# Suddenly Itchy Skin?



## JJAXON (Dec 12, 2014)

Hi, Hank is our first poodle. He just turned 7 months old today  He has had no issues except for recently. The past week he has been incredibly itchy. He has always itched here and there, but lately he seems to go nuts over how itchy he is. I am worried it is food allergies? He is on Orijen puppy, has been since 8 wks with no issue. Poops are good and no runny eyes/nose. He is still in good spirits and as bouncy as ever.

I gave him a bath three days ago and that certainly made it worse. Any suggestions on shampoos? I am pretty sure it isn't fleas....it has been -20C here for the past week or so. Warming up today  

I am open to all advice! I did read about a dermatologist on a few posts but unfortunately we do not have one in the area. The nearest is 4 hours away, which I am considering making an appt anyway if we cannot figure this out.

Thanks in advance!!


----------



## Rusty (Jun 13, 2012)

I always think a trip to the vet is in order when there's a sudden change in symptoms/behaviour like that, so that's something to consider.

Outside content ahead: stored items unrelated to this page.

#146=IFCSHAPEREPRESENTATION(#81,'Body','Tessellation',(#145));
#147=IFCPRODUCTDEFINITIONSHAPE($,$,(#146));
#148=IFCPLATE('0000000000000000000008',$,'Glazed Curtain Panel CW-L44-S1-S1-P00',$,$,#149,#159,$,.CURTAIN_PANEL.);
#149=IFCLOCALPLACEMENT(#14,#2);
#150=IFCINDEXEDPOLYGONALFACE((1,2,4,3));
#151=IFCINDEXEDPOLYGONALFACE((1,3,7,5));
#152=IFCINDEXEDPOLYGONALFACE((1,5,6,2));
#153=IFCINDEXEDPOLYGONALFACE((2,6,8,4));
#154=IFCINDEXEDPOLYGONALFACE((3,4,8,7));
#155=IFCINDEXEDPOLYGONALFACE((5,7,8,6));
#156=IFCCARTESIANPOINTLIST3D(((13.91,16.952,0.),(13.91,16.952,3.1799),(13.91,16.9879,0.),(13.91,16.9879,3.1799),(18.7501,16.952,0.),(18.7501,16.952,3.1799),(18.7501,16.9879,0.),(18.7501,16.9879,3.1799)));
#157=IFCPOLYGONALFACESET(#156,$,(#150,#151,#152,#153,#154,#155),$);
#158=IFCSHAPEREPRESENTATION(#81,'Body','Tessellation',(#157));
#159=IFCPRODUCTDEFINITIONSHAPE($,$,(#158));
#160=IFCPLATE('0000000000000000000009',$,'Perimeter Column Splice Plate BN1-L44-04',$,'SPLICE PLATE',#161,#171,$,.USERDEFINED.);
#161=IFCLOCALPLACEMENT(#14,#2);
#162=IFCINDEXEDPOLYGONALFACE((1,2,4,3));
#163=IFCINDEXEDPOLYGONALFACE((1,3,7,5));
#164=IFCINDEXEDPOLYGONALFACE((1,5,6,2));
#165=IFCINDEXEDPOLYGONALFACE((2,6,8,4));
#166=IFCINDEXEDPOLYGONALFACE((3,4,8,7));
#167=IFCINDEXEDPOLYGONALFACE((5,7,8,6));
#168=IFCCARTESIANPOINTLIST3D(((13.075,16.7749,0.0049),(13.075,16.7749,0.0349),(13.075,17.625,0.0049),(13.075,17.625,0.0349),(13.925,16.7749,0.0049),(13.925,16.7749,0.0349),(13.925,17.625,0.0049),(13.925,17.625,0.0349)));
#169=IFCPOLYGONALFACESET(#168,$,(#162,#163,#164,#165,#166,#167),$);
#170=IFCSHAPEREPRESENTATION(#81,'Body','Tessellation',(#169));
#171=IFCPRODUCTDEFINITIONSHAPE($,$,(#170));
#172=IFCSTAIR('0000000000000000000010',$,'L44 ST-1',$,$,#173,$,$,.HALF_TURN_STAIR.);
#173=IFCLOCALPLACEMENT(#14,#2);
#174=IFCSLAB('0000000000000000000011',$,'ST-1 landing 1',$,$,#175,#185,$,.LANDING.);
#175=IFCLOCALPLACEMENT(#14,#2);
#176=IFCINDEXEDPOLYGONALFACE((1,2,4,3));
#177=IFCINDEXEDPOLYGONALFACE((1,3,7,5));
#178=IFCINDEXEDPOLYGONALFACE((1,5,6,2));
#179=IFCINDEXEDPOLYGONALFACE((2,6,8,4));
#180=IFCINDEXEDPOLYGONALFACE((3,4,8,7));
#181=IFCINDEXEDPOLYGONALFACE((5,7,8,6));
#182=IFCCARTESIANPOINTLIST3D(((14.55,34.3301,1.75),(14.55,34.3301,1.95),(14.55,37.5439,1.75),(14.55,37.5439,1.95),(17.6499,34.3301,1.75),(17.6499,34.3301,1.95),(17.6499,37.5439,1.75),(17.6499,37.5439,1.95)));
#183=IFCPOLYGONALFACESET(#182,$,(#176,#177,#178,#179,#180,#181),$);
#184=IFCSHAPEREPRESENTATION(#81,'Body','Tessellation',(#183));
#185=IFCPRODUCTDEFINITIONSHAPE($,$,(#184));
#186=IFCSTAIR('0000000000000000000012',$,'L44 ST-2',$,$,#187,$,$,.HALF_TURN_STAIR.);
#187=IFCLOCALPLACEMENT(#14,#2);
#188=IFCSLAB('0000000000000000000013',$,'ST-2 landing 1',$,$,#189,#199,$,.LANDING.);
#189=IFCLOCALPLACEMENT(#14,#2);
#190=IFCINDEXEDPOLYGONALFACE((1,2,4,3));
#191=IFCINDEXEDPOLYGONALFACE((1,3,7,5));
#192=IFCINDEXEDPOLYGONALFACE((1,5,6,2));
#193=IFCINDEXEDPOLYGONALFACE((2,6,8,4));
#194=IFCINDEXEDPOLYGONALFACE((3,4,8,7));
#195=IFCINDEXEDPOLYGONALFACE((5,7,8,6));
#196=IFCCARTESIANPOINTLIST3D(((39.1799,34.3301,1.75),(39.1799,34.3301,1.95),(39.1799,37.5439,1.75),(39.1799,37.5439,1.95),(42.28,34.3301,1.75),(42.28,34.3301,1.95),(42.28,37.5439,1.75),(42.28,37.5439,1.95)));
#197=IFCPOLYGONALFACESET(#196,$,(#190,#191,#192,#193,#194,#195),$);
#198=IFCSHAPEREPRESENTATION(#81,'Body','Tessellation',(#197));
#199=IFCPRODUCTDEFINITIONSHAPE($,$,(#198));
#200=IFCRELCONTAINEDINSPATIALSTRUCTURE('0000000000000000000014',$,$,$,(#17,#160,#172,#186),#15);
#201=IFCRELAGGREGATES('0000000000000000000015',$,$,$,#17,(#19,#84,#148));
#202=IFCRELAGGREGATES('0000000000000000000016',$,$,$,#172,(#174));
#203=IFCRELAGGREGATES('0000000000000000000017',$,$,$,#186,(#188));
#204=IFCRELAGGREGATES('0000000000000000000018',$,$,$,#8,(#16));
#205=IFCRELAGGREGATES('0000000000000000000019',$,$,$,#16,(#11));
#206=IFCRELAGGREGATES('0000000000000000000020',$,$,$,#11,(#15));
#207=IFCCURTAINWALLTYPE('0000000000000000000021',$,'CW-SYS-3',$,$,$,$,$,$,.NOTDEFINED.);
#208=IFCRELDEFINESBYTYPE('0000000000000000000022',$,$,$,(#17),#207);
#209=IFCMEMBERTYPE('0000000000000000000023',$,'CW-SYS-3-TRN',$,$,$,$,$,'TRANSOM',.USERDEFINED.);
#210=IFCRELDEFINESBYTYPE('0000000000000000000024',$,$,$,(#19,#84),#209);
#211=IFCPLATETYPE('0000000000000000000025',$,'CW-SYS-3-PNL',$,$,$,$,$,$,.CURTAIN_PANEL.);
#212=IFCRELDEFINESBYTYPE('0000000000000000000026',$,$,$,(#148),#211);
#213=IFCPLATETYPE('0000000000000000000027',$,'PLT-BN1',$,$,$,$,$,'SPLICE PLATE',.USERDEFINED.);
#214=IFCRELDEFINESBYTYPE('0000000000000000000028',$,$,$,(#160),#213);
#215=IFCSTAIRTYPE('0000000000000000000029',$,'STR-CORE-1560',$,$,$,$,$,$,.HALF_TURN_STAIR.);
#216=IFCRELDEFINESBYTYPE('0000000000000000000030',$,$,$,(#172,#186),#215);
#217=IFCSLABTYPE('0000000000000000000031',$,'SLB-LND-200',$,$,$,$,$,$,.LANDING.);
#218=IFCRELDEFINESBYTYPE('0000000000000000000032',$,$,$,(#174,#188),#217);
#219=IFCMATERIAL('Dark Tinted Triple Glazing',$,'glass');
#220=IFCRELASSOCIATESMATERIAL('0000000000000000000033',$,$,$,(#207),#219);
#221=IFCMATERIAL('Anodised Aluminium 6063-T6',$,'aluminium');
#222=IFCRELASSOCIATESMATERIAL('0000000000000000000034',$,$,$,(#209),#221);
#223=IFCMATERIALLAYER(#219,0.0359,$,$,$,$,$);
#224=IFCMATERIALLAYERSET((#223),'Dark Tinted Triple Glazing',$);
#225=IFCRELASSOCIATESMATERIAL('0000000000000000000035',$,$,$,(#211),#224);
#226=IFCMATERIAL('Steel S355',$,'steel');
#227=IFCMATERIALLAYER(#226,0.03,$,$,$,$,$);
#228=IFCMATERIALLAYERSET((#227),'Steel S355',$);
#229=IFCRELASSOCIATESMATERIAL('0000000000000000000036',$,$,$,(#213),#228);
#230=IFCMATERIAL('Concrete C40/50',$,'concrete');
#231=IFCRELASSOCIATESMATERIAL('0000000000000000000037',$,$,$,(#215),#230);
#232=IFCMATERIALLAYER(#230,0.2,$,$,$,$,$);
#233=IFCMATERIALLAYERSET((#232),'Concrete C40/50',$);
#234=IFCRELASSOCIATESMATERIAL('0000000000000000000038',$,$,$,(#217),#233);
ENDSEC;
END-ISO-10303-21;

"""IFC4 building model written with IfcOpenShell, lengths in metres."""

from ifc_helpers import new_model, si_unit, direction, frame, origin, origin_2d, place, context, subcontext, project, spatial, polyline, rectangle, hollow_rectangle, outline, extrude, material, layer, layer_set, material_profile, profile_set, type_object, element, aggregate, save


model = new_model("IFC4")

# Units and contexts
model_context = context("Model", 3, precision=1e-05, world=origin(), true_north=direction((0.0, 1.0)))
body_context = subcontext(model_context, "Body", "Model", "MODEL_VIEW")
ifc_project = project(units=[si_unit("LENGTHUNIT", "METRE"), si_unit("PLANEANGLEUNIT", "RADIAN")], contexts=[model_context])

I'd also suggest looking at your dog's skin very, very, very carefully for any signs of parasites. When our puppy first came home, he was extremely itchy from day 1. The person who bred him said it wasn't anything to worry about and the vet said she didn't see anything problematic, but when it got to the point that he was pulling his own fur out by scratching so badly, I was worried and POSITIVE it must be an allergy. But I got down on the floor and parted the hair so I could see his skin, and around the neck area I noticed some tiny little brown bugs. We took the little bugs to the vet, who identified them as canine lice (not really as visible as fleas due to the lack of flea dirt). This was also in the winter, so don't discount the possibility of a skin parasite (not just fleas) due to the weather, especially if Hank has been around other dogs (possibly at dog parks, puppy kindergarten, doggy daycare, etc.). I'd suggest getting down on the floor with a flashlight and some sharp eyes to look very closely at the areas where Hank seems to be the itchiest.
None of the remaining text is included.